Well, it's undecidable in general, but it can be easily decided for the cases that you would care about. I think if the key argument is given by a named function, the standard "is" operator is sufficient; even if two different named functions happen to define the same order, the programmer thought of them as separate functions, and it's fair to raise an exception if the programmer decides to calculate a union of two sortedsets with such keys:

def f(x):
  return x['id']

def g(x):
  return x['id']

s1 = blist.sortedset(key = f)
# ...
s2 = blist.sortedset(key = g)
# ...
s = s1 & s2
# probably a bug: if s1 and s2 were intended to be compatible, 
# the programmer would likely have used function f as the key for both

The only time I might recommend doing anything other than "is" operator is for lambda functions:

s1 = blist.sortedset(lambda x : x['id'])
#...
s2 = blist.sortedset(lambda x : x['id'])
# ...
s = s1 & s2
# probably not a bug; the programmer might well have meant
# the two sorted sets to be compatible
# note that Python would report them as not equal

Finally, the sort key function could be a callable function, rather than a function; e.g., itemgetter('id'). I would hope that for a callable object, the author defined a meaningful equality operator, if appropriate (otherwise the operator is would be fine). (For some reason, itemgetter's equality defaults to is; that might be just a minor oversight.)

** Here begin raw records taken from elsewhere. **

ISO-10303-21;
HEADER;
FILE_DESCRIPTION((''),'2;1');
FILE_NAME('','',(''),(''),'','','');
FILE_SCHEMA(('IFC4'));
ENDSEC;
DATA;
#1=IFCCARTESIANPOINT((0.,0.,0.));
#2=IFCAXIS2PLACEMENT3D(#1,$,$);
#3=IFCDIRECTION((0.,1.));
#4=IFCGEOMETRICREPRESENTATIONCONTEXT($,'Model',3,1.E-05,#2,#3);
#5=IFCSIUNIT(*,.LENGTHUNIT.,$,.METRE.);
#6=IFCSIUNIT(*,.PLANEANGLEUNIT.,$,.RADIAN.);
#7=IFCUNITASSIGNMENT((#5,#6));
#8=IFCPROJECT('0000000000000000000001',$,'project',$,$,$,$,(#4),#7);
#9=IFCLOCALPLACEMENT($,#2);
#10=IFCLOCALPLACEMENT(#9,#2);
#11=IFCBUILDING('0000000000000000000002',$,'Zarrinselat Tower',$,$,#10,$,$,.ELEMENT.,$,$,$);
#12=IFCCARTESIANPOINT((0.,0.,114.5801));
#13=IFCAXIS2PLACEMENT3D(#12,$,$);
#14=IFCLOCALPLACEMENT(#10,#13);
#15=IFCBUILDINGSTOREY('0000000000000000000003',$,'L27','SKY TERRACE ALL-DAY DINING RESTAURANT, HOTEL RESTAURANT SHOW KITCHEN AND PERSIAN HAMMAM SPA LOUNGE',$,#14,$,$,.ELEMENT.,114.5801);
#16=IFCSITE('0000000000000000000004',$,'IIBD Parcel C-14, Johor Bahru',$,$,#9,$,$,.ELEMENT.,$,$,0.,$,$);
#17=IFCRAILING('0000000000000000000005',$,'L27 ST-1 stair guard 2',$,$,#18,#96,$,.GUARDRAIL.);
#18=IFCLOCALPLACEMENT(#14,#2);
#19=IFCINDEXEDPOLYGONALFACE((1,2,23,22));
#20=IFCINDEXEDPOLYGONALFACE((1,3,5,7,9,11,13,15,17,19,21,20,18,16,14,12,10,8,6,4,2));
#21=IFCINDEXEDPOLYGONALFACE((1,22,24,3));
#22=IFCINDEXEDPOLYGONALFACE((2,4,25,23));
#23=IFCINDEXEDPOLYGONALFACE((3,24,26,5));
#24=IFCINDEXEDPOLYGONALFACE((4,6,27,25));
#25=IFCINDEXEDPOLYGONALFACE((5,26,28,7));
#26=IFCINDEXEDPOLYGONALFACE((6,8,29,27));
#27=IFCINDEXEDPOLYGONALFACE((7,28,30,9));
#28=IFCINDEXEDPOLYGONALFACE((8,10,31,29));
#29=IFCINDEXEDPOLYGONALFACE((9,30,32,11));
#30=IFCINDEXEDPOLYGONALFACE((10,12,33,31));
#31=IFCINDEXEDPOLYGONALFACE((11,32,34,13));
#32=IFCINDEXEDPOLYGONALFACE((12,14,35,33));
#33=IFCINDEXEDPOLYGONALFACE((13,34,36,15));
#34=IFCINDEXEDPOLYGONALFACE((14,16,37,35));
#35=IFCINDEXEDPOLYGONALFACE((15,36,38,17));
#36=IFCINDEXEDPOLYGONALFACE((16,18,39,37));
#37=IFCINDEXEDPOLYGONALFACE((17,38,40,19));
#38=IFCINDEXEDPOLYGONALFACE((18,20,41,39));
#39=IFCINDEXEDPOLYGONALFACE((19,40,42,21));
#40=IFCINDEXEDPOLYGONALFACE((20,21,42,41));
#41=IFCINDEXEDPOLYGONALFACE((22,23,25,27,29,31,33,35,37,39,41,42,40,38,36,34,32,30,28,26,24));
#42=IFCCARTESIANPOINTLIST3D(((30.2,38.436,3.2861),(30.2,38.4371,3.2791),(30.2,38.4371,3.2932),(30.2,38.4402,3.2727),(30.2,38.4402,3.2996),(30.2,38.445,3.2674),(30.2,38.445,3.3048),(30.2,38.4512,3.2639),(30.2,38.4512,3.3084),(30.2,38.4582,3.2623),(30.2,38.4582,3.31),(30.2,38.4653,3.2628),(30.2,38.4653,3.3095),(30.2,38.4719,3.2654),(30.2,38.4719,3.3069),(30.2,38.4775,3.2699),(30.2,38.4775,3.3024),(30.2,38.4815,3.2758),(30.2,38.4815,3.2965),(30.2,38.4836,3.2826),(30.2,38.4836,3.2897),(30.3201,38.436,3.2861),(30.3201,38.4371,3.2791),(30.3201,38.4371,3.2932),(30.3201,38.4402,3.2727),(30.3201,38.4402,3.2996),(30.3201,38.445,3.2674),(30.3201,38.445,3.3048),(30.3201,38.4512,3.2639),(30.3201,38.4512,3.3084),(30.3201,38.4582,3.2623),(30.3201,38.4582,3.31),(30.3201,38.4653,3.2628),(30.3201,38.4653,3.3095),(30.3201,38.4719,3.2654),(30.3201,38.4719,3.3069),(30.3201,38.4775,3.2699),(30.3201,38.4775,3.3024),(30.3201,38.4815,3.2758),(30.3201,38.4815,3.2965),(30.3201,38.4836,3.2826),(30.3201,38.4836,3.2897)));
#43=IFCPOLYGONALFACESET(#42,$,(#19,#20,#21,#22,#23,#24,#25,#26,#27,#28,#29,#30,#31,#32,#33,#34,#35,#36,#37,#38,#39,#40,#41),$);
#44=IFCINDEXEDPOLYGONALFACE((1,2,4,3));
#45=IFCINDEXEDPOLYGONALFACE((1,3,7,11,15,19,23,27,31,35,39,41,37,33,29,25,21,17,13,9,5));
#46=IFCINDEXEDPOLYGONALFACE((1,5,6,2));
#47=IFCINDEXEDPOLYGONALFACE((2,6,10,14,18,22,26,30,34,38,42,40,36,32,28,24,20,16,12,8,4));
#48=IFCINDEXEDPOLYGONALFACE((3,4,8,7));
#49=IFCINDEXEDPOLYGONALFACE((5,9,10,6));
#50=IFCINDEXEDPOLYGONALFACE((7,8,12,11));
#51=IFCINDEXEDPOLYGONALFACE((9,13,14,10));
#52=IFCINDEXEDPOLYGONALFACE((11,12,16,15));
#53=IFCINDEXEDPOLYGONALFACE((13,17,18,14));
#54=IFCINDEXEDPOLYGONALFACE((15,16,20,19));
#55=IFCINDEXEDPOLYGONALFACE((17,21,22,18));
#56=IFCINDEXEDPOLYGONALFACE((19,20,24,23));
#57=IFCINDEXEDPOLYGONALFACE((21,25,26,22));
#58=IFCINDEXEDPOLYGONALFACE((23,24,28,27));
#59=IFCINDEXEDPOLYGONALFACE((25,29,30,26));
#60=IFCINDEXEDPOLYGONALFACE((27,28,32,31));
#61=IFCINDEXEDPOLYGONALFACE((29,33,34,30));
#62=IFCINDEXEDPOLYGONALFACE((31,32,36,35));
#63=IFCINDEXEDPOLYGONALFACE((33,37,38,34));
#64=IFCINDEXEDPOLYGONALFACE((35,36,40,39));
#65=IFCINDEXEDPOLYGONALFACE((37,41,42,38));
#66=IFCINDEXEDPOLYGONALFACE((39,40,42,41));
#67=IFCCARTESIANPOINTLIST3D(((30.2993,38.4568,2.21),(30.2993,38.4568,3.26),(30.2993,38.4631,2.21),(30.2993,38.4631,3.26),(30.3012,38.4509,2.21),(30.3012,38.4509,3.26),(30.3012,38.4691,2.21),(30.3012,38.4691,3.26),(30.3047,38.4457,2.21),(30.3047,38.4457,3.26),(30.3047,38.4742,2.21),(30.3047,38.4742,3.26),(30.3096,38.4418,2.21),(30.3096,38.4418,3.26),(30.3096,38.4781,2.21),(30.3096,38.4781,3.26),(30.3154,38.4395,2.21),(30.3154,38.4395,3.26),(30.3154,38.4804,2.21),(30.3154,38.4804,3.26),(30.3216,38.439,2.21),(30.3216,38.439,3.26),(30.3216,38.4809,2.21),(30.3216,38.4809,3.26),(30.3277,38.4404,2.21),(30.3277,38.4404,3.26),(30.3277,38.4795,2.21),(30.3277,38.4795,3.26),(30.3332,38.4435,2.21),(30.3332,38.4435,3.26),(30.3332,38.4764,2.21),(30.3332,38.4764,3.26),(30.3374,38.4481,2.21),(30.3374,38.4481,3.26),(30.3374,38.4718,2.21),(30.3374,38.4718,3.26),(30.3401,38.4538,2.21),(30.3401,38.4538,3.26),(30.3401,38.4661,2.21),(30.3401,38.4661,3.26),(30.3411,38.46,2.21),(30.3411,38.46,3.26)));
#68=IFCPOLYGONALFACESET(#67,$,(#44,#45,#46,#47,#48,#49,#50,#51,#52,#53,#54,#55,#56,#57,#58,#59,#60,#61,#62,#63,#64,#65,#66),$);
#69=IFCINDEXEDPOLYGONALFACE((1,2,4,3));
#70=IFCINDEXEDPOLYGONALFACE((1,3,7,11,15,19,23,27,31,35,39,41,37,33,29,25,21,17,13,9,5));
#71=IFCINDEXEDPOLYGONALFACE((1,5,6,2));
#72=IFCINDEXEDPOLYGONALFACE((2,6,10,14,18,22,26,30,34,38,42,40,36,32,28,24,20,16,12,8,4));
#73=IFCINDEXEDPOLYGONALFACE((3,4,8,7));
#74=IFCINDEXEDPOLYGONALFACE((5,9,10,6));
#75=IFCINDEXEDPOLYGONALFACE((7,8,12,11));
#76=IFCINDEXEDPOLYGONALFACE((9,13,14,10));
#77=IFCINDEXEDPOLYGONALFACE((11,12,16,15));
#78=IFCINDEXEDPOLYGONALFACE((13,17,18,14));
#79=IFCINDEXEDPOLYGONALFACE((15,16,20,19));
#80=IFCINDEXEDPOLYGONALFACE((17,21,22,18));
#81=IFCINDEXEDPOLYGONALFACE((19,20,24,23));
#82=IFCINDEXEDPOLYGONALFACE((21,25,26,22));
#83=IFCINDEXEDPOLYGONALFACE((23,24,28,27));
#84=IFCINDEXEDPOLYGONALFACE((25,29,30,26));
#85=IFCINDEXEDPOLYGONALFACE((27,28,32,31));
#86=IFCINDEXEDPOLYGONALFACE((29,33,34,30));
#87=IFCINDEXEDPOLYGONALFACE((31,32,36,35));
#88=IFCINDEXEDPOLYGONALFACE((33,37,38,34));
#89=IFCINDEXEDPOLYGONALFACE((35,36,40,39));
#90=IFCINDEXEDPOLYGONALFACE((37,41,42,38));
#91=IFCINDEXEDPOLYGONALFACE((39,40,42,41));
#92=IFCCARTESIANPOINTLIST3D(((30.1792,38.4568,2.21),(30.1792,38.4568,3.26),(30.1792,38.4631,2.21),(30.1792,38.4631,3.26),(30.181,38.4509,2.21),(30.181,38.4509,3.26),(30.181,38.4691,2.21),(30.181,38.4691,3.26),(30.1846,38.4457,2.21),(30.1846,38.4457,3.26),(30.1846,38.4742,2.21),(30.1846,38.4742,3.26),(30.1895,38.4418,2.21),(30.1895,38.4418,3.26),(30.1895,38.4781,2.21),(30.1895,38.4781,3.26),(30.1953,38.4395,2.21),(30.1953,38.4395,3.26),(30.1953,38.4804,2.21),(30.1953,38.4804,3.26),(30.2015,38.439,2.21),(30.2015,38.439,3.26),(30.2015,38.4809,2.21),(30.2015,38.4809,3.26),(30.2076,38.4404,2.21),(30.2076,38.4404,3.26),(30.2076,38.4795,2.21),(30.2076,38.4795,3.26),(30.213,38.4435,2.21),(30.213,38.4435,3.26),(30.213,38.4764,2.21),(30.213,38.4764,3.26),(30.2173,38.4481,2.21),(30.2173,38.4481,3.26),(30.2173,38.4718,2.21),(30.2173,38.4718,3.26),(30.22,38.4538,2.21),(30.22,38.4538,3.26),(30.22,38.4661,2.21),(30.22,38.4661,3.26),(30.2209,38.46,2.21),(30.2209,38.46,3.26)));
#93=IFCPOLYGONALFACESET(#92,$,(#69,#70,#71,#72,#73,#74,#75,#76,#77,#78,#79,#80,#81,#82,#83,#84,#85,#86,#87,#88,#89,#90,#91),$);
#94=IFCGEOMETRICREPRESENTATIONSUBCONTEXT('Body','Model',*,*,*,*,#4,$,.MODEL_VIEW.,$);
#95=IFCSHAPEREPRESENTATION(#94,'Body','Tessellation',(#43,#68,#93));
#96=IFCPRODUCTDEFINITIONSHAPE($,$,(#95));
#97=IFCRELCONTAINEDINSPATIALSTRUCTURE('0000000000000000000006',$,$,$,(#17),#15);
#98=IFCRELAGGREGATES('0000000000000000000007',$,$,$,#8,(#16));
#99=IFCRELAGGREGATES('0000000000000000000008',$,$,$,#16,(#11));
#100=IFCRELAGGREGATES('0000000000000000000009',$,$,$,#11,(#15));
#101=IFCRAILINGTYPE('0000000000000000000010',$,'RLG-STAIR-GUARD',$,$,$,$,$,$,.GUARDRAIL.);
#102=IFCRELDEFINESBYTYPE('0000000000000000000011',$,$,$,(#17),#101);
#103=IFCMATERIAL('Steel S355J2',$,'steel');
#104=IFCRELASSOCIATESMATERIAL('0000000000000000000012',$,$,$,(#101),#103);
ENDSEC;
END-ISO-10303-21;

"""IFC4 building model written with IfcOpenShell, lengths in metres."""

from ifc_helpers import new_model, si_unit, direction, frame, origin, origin_2d, place, context, subcontext, project, spatial, circle, extrude, material, type_object, element, save


model = new_model("IFC4")

# Units and contexts
model_context = context("Model", 3, precision=1e-05, world=origin(), true_north=direction((0.0, 1.0)))
body_context = subcontext(model_context, "Body", "Model", "MODEL_VIEW")
ifc_project = project(units=[si_unit("LENGTHUNIT", "METRE"), si_unit("PLANEANGLEUNIT", "RADIAN")], contexts=[model_context])

# Site, building, storey
site_placement = place(None, origin())
site = spatial("IfcSite", under=ifc_project, at=site_placement, Name="IIBD Parcel C-14, Johor Bahru", CompositionType="ELEMENT", RefElevation=0.0)
building_placement = place(site_placement, origin())
building = spatial("IfcBuilding", under=site, at=building_placement, Name="Zarrinselat Tower", CompositionType="ELEMENT")
storey_placement = place(building_placement, frame((0.0, 0.0, 114.5801)))
storey = spatial("IfcBuildingStorey", under=building, at=storey_placement, Name="L27", Description="SKY TERRACE ALL-DAY DINING RESTAURANT, HOTEL RESTAURANT SHOW KITCHEN AND PERSIAN HAMMAM SPA LOUNGE", CompositionType="ELEMENT", Elevation=114.5801)

# Railing
ifc_material_1 = material(Name="Steel S355J2", Category="steel")
railing_type_1 = type_object("IfcRailingType", Name="RLG-STAIR-GUARD", PredefinedType="GUARDRAIL", material=ifc_material_1)
railing_1_placement = place(storey_placement, frame((30.3201, 38.46, 2.21)))
element("IfcRailing", 1, at=railing_1_placement, inside=storey, type_object=railing_type_1, Name="L27 ST-1 stair guard 2", PredefinedType="GUARDRAIL", context=body_context, shape_type="SweptSolid", body=[
    extrude(circle(Radius=0.0239, at=origin_2d()), frame((0.0, 0.0, 1.0762), z_axis=(-1.0, 0.0, 0.0), x_axis=(0.0, -1.0, 0.0)), (0.0, 0.0, 1.0), 0.1201),
    extrude(circle(Radius=0.021, at=origin_2d()), origin(), (0.0, 0.0, 1.0), 1.05),
    extrude(circle(Radius=0.021, at=origin_2d()), frame((-0.1201, 0.0, 0.0)), (0.0, 0.0, 1.0), 1.05),
])

save(model, "model.ifc")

For the time being, I wouldn't worry about that, and just like you suggest, use == for everything (which would default to is for all functions).

Max

On Apr 1, 2012 8:38 AM, "Daniel Stutzbach" < reply@reply.github.com> wrote:

Checking if two functions have identical functionality is undecidable. It'd be safest and easiest to just check if the two key functions are the same function using the "is" operator.